Cuffdiff parameter list

This is a list of implemented Cuffdiff options:

-m INT                         Average fragment length (SE reads); default 200
-s INT                         Fragment legnth standard deviation (SE reads); default 80
-c INT                         The minimum number of alignments in a locus for needed to conduct significance testing on changes in that locus observed between samples. If no testing is performed, changes in the locus are deemed not significant, and the locus' observed changes don't contribute to correction for multiple testing. The default is 1,000 fragment alignments (up to 2,000 paired reads).
--FDR FLOAT                    The allowed false discovery rate. The default is 0.05.
--max-mle-iterations INT       Sets the number of iterations allowed during maximum likelihood estimation of abundances. Default: 5000
--library-norm-method          Library Normalization method : Geometric (default), classic-fpkm, quartile
--dispersion-method            Dispersion estimation method : Pooled (default), per-condition, blind, poisson
-u                             Multi read correction tells Cufflinks to do an initial estimation procedure to more accurately weight reads mapping to multiple locations in the genome.
-b ref.fasta                         bias correction.
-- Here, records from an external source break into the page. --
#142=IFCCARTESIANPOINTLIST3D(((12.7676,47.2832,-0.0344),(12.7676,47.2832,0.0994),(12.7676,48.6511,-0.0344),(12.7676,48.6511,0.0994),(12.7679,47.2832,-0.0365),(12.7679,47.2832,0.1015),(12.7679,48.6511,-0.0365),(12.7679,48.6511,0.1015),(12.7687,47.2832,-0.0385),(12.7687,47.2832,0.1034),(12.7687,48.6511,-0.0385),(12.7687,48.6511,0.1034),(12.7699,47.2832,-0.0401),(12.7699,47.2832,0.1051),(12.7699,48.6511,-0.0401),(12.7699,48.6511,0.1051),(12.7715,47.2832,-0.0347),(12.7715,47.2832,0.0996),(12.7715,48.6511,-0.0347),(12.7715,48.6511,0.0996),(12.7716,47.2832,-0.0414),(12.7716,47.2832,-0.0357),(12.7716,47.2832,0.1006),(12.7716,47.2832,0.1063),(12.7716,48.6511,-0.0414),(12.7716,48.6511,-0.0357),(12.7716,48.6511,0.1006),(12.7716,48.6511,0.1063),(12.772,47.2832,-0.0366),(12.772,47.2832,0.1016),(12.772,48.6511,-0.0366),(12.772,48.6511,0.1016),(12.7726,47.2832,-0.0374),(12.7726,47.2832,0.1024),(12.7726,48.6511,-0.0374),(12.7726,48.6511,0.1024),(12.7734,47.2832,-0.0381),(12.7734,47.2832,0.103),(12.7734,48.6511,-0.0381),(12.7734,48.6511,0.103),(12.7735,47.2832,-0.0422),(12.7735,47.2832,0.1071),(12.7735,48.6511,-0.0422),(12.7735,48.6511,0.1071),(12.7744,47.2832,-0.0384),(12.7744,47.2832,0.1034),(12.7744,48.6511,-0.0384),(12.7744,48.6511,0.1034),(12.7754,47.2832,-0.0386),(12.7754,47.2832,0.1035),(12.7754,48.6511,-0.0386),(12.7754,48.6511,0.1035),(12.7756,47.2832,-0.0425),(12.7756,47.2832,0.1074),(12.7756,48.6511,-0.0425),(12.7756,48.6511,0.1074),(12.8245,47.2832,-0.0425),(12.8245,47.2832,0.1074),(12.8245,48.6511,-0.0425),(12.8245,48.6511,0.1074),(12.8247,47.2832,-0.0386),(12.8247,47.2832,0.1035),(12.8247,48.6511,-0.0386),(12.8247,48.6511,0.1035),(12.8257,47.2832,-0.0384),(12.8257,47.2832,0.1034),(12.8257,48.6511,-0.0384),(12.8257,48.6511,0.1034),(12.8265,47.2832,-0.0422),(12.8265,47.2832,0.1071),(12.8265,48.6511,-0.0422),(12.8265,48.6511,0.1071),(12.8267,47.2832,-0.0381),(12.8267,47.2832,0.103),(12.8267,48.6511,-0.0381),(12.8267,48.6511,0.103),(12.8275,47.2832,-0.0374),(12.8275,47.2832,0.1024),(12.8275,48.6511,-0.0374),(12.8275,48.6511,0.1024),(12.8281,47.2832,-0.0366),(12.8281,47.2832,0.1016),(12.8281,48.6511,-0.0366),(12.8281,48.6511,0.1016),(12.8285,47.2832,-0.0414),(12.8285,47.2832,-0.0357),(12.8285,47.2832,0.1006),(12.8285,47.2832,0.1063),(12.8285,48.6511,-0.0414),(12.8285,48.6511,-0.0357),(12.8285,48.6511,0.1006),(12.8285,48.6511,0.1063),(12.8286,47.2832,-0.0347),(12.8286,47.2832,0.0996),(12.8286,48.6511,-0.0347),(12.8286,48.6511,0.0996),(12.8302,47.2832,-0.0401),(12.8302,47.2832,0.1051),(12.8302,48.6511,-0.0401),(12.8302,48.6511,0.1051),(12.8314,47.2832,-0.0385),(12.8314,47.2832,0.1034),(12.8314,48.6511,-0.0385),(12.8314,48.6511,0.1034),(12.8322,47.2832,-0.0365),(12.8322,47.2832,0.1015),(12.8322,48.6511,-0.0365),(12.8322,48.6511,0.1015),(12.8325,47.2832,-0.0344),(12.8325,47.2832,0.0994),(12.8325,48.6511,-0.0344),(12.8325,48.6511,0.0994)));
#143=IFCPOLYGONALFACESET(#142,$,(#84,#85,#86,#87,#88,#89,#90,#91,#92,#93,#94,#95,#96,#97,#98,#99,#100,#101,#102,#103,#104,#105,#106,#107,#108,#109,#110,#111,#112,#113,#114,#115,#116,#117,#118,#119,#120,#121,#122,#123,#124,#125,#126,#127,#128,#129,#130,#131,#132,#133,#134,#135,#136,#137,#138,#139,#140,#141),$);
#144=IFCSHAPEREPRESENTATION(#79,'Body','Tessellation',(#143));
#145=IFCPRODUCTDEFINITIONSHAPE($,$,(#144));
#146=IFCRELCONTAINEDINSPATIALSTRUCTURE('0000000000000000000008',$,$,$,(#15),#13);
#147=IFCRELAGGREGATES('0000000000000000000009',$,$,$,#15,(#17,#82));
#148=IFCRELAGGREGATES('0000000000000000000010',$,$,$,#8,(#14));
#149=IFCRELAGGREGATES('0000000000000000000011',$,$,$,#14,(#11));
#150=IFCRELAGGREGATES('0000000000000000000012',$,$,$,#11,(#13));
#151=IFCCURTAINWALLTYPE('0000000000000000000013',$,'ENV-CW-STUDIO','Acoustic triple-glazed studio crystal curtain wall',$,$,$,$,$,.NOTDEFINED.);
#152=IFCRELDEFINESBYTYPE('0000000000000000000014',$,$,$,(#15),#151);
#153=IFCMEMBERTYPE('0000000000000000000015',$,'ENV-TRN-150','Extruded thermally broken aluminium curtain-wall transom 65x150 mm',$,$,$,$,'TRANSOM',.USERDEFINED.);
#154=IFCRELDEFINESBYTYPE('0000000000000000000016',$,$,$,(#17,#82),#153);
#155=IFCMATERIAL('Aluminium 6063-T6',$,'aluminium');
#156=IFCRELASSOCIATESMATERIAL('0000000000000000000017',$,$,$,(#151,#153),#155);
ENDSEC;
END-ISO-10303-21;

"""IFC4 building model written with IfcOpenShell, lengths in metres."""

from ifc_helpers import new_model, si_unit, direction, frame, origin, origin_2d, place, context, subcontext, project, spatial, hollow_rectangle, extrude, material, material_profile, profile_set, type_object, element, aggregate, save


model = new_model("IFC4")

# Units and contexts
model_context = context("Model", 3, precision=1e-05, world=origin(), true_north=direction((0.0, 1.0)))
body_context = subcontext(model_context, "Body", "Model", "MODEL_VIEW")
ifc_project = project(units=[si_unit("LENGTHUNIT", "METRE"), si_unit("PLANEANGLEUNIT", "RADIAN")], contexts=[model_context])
Bias detection and correction can significantly improve accuracy of transcript abundance estimates.
--no-effective-length-correction  Use standard length correction
--no-length-correction         Disable all length correction.
--library-type                 ff-firststrand,ff-secondstrand,ff-unstranded,fr-firstrand,fr-secondstrand,fr-unstranded,transfrags
--mask-file (gff3/gtf)         Ignore all alignment within transcripts in this file
--time-series                  Treat provided sam files as time series
--compatible-hits-norm         With this option, Cufflinks counts only those fragments compatible with some reference transcript towards the number of mapped fragments used in the FPKM denominator. Using this mode is generally recommended in Cuffdiff to reduce certain types of bias caused by differential amounts of ribosomal reads which can create the impression of falsely differentially expressed genes.
--total-hits-norm              With this option, Cufflinks counts all fragments, including those not compatible with any reference transcript, towards the number of mapped fragments used in the FPKM denominator
--max-bundle-frags             Sets the maximum number of fragments a locus may have before being skipped. Skipped loci are listed in skipped.gtf.
--num-frag-count-draws         Cuffdiff will make this many draws from each transcript's predicted negative binomial random numbder generator. Each draw is a number of fragments that will be probabilistically assigned to the transcripts in the transcriptome. Used to estimate the variance-covariance matrix on assigned fragment counts.
--num-frag-assign-draws        For each fragment drawn from a transcript, Cuffdiff will assign it this many times (probabilistically), thus estimating the assignment uncertainty for each transcript. Used to estimate the variance-covariance matrix on assigned fragment counts.
--min-reps-for-js-test         Cuffdiff won't test genes for differential regulation unless the conditions in question have at least this many replicates.